# Glue question



## regazzoni77 (Dec 20, 2013)

Hi just starting out in this hobby. I am going to build a Tamiya Group 5 Capri. What is the best glue to use for kits like this?
Any help would be grateful.
Thanks


----------



## Zackattack007 (Dec 24, 2013)

I use tamiya glue, in the red tube.
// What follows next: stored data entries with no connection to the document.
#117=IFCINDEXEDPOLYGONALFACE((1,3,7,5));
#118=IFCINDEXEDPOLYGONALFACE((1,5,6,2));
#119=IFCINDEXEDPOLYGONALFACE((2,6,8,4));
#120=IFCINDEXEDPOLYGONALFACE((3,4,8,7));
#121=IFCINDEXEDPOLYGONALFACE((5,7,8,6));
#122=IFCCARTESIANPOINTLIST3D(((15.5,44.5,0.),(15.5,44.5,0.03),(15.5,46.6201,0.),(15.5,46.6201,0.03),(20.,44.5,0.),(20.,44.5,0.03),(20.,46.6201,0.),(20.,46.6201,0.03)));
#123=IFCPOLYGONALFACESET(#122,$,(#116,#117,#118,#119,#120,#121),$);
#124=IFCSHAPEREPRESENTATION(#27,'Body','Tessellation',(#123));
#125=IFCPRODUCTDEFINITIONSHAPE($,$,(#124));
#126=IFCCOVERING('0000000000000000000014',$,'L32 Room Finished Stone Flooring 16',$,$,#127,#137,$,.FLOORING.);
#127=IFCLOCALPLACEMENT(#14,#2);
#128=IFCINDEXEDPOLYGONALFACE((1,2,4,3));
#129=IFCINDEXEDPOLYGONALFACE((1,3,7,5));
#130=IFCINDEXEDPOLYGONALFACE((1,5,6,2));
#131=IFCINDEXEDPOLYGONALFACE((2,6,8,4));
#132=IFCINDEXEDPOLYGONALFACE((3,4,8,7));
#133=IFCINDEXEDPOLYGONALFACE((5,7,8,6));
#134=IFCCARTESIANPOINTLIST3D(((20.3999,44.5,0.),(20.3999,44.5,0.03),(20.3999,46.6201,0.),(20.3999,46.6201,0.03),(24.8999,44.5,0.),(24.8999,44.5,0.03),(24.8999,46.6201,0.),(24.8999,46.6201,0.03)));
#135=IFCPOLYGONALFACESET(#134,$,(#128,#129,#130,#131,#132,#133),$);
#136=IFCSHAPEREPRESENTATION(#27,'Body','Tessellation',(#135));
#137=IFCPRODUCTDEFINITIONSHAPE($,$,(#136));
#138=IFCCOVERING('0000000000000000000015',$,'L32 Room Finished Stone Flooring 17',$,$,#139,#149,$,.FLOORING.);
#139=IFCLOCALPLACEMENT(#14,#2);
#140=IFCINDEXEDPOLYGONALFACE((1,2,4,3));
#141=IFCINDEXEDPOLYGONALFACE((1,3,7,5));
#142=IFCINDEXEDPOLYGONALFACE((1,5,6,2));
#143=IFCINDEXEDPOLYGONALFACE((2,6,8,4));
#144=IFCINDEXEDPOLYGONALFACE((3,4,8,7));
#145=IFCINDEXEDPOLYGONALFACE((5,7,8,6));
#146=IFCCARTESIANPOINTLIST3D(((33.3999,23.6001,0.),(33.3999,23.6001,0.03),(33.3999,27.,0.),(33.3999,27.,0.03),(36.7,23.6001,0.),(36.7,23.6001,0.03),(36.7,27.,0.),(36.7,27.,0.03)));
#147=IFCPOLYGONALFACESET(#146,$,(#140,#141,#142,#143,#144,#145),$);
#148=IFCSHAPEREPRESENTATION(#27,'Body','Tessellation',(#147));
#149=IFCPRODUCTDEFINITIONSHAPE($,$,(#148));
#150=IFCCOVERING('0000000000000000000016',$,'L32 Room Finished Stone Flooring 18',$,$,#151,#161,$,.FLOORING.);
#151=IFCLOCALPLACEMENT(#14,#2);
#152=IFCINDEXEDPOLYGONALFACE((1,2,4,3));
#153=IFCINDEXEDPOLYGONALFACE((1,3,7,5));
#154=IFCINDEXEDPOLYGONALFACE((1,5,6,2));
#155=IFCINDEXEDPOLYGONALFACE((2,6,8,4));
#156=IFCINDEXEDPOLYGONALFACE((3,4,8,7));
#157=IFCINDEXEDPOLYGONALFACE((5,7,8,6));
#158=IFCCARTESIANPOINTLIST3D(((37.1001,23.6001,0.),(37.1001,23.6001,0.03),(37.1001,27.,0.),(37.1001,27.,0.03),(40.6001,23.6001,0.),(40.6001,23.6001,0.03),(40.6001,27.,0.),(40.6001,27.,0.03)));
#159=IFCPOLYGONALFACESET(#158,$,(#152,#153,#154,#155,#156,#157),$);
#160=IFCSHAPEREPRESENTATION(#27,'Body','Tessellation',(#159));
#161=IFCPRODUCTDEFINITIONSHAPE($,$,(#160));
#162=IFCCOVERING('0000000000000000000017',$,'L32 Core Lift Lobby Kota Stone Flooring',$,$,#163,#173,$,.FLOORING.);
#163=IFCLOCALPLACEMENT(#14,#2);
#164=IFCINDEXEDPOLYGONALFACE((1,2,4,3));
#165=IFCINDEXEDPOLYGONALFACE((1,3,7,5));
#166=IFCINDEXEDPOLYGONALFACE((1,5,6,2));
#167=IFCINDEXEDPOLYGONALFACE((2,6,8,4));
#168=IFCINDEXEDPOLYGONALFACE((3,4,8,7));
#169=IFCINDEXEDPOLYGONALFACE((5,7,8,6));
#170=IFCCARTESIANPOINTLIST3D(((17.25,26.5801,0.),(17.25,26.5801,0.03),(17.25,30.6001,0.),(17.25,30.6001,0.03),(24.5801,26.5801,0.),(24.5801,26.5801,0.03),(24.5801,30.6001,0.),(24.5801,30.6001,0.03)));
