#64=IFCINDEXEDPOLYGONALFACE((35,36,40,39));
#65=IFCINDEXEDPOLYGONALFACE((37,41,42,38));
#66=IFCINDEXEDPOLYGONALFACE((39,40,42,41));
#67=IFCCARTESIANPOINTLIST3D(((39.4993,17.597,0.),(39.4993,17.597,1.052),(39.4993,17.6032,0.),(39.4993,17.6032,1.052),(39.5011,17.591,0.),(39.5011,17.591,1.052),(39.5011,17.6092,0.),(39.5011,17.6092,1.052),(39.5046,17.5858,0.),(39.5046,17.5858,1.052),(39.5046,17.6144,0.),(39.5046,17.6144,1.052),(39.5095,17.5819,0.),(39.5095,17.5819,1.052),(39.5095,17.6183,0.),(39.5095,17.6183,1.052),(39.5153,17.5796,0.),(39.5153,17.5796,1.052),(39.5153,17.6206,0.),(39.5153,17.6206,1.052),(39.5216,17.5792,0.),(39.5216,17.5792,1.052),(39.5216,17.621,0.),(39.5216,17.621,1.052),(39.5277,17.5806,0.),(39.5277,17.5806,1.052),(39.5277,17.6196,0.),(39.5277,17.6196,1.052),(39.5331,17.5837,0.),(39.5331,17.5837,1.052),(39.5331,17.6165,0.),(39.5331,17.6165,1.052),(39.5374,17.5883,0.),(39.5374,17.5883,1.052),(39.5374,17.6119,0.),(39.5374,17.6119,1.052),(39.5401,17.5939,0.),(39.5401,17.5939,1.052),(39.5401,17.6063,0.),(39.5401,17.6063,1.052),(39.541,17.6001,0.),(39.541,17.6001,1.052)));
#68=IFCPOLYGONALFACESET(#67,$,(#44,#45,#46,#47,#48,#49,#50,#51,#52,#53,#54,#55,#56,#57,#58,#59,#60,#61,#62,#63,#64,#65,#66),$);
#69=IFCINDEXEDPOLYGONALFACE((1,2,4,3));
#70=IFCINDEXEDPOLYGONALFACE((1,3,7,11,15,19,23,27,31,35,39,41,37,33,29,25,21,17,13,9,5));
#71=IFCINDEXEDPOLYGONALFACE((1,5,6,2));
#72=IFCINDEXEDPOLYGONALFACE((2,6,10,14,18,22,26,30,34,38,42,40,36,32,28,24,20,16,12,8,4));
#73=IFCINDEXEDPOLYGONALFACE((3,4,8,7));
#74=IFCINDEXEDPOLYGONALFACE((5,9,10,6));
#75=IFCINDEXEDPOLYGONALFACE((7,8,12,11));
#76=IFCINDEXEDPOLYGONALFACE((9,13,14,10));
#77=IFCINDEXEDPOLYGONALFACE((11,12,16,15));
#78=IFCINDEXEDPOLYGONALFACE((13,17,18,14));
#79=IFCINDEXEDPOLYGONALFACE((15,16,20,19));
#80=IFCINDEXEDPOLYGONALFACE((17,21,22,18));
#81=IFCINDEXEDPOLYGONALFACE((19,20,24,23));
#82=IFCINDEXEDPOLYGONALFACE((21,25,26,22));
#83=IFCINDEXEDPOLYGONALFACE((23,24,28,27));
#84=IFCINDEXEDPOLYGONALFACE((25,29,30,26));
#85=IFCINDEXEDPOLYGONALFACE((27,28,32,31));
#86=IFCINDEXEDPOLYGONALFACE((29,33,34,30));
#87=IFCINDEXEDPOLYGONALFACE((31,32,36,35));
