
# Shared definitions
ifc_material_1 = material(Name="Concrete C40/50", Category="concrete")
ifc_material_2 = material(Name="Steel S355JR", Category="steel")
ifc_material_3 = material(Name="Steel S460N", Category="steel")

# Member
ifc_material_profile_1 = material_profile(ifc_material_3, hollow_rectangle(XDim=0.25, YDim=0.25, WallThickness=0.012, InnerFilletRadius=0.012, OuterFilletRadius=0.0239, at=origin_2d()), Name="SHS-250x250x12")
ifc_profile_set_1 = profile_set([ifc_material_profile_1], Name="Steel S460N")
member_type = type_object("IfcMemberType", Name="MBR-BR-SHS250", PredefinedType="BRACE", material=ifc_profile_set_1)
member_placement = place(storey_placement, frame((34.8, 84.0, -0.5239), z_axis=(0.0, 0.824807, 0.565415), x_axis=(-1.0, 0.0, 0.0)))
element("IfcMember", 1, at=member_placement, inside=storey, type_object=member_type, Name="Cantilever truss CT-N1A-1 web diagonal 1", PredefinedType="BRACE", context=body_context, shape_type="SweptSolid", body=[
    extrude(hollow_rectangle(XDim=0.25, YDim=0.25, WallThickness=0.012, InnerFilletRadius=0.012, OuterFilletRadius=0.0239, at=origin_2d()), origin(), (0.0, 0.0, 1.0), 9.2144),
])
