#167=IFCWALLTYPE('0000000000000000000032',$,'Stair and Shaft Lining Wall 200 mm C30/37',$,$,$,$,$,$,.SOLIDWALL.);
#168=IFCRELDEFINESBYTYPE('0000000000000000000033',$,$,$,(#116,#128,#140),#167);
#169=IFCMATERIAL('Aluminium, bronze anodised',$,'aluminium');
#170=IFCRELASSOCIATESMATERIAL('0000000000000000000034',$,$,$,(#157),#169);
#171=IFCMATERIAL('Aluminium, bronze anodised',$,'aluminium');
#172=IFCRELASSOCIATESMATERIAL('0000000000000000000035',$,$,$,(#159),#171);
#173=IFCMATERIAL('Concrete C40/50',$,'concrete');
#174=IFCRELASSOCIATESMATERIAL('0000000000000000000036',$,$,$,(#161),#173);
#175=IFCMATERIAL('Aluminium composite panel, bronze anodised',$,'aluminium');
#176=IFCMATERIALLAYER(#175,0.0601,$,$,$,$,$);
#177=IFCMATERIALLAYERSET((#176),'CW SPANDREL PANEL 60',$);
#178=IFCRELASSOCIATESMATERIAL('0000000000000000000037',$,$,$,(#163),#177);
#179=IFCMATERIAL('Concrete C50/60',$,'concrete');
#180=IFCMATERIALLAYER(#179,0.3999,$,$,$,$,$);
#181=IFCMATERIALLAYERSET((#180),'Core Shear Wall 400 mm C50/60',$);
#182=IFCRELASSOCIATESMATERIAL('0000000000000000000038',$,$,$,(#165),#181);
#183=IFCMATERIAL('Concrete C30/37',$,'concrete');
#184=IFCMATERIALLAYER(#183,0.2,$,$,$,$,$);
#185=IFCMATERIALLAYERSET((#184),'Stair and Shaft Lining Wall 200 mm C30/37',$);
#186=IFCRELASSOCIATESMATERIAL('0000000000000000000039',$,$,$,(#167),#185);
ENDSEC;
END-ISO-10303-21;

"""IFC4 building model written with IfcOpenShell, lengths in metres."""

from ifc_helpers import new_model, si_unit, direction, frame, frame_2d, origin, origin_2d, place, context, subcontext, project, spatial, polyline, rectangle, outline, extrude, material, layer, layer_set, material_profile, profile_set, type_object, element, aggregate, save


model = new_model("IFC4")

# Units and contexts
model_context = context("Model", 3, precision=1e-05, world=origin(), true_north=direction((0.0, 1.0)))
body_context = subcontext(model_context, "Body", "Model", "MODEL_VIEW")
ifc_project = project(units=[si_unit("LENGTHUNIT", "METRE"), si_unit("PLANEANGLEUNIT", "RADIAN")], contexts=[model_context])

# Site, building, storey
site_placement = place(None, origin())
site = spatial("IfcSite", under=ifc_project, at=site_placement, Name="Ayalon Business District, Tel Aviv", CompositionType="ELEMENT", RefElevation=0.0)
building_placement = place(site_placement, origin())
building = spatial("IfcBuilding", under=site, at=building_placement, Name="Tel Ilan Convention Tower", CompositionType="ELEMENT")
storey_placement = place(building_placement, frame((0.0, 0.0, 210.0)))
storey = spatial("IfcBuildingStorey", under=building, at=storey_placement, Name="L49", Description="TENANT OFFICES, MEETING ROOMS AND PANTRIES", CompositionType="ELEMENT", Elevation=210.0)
You can pick this up at any hobby store.


----------



## djnick66 (May 2, 2008)

I have never seen Tamiya tube glue.

I do use Tamiya Extra Thin cement, which comes in a bottle with a green cap. It is EXCELLENT and is a good general purpose glue. I do use tube type glues some, but rarely. They are messy and slower drying.


----------



## Zackattack007 (Dec 24, 2013)

Sorry I meant testors glue in the red tube at any hobby store


----------



## whiskeyrat (May 7, 2012)

djnick66 said:


> I have never seen Tamiya tube glue.
> 
> I do use Tamiya Extra Thin cement, which comes in a bottle with a green cap. It is EXCELLENT and is a good general purpose glue. I do use tube type glues some, but rarely. They are messy and slower drying.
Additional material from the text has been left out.